ETA2024 Oral Presentations Oral Session 2: Thyroid hormone action in the brain (5 abstracts)
1Thyroid Molecular Laboratory. Institute for Medical and Molecular Genetics (Ingemm), La Paz University Hospital Reserach Institute (Idipaz) Autonomous University of Madrid (Uam). Spain.; 2Department of Pathology, Laboratory of Biochemistry. University of Pisa. Italy.; 3Teófilo Hernando Institute for Drug Discovery, Department of Pharmacology, School of Medicine, Uam. Madrid, Spain.; 4Department of Translational Neuroscience, Cajal Institute, Spanish National Research Council, Madrid, Spain.
Gestational hypothyroxinemia (GH) is a common event in human pregnancy generally attributed to iodine deficiency (ID). GH has been associated with the risk of neurodevelopmental defects in the offspring, including autistic traits. However, autistic children are mostly euthyroid, for which the role of thyroid hormones in the phenotype remains under debate.

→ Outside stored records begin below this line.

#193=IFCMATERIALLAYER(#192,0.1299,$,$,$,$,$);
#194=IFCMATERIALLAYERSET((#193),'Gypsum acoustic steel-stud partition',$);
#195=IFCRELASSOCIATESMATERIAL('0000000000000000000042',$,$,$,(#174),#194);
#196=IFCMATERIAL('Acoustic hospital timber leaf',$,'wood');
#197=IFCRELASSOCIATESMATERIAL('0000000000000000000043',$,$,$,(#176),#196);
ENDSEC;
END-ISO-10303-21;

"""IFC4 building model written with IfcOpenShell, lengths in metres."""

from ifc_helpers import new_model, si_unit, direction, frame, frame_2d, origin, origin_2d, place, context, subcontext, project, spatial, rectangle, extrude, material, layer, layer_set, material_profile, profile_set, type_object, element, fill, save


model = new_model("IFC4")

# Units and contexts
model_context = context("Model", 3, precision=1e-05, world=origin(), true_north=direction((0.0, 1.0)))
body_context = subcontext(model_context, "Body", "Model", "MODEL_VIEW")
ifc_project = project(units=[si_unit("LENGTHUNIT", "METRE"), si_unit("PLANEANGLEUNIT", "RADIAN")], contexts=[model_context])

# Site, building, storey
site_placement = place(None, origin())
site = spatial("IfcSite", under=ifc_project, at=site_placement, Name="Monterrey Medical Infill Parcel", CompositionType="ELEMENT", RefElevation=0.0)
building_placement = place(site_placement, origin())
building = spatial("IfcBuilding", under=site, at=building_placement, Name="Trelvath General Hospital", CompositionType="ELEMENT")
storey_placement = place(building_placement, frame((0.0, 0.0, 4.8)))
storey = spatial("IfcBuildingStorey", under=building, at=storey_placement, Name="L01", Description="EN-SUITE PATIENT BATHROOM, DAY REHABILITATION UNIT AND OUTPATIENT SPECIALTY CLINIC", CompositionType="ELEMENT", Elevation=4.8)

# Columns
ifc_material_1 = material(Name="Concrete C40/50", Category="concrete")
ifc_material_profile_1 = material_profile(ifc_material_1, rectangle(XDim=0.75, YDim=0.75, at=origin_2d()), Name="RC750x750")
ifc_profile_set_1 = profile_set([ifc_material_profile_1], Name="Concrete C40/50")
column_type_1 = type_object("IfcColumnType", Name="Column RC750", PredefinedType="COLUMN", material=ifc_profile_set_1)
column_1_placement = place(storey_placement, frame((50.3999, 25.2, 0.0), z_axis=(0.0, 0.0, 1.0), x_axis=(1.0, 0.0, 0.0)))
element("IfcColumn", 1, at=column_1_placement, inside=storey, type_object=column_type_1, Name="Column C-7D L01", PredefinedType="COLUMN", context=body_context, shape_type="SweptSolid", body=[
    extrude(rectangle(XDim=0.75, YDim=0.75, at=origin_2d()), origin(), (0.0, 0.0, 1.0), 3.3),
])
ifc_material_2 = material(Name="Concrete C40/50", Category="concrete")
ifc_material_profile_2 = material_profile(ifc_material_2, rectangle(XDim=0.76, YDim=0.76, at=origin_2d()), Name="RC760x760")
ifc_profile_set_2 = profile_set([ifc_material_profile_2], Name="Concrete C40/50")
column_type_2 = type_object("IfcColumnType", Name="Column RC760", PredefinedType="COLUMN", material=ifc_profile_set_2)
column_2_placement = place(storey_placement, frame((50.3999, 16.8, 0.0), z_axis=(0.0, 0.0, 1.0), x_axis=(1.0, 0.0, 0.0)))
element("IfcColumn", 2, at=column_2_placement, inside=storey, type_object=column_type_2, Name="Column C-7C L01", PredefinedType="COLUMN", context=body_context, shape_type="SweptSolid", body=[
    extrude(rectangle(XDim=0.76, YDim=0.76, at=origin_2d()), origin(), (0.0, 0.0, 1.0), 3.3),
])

Aim: To generate a mouse model of maternal hypothyroxinemia using moderate ID (mID) in iodine-recycling defective Dehal 1KO dams, and determine the consequences on thyroid hormone economy, behavior and brain gene expression in the progeny.
Methods: Wild type or Dehal1 KO dams were fed sufficient iodine (NID) or mID during gestation and lactation. From weaning, pups were switched to standard iodine diet (SD). Plasma T4 and T3 were measured by LC-MS-MS in dams at midgestation (G10), in F1-pups at postnatal-day 20 (PN20) and in F1-adults at PN150. Brain hippocampi and cerebella from PN20 and PN150 mice were collected for hormone quantification and gene expression changes of T3-signaling (Thra, Thrb, Hr, Rora) and neurodevelopmental genes (Reln, Nrg, Pvalb, Mag, Klf9) using qRT-PCR. Adult mice fulfilled behavioral tests for social interaction (three-chamber), obsessive-compulsive activity (marble burying), anxiety (elevated plus-maze) and mobility (open field).
Results: Only Dehal1 KO-mID dams developed hypothyroxinemia (T4-G10: 22±4 vs. 36.5±3 ng/ml; P < 0.05). Their pups were hypothyroid at weaning (T4-PN20: 36±3.3 vs. 50.4±3 ng/ml; P < 0.05). Consistently, their hippocampi and cerebella were T4-hypothyroid (Hippocampi: 3.4±1 vs. 7.5±1.8 pmol/g, P < 0.05; Cerebella: 3.2±0.5 vs. 4.8±0.8 pmol/g, P < 0.05) while T3 was normal and elevated, respectively. T3-dependent gene expression was globally reduced by 32-90%. After 4-months SD, KO-mID adults became fully euthyroid. However, strikingly, hippocampi were discordantly T4-hyperthyroid, with 40-170% increased Thrb and Hr expression in males, while females showed 20-50% decreased transcription of Thra, Thrb and Hr. Cerebella normalized T4 and T3, however, T3-dependent gene expression remained low for Thra, Thrb, Rora in females. Behaviorally, such euthyroid adults showed 40-78% decrease in sociability index (P < 0.05; greater in females), increased compulsivity (2-7 folds, P < 0.01; major in males), anxiety index (15%; P < 0.05) and reduced locomotion only in males (44%, P < 0.005). Neurodevelopmental genes were abnormally expressed in hippocampi, showing significant 30-40% downregulation of Reln and Nrg and 1.5-26 folds upregulation of Klf9, Pvalb and Mag.
Conclusions: Moderate ID in Dehal1 KO dams leads to GH. The progeny is hypothyroid at weaning, but euthyroid as adults under iodine sufficiency, despite showing abnormal behavior, discordant brain T4 and T3, and dysregulation of T3-dependent neurodevelopmental transcription, suggesting region- and sex-specific epigenetic modulation of low T3 during brain development.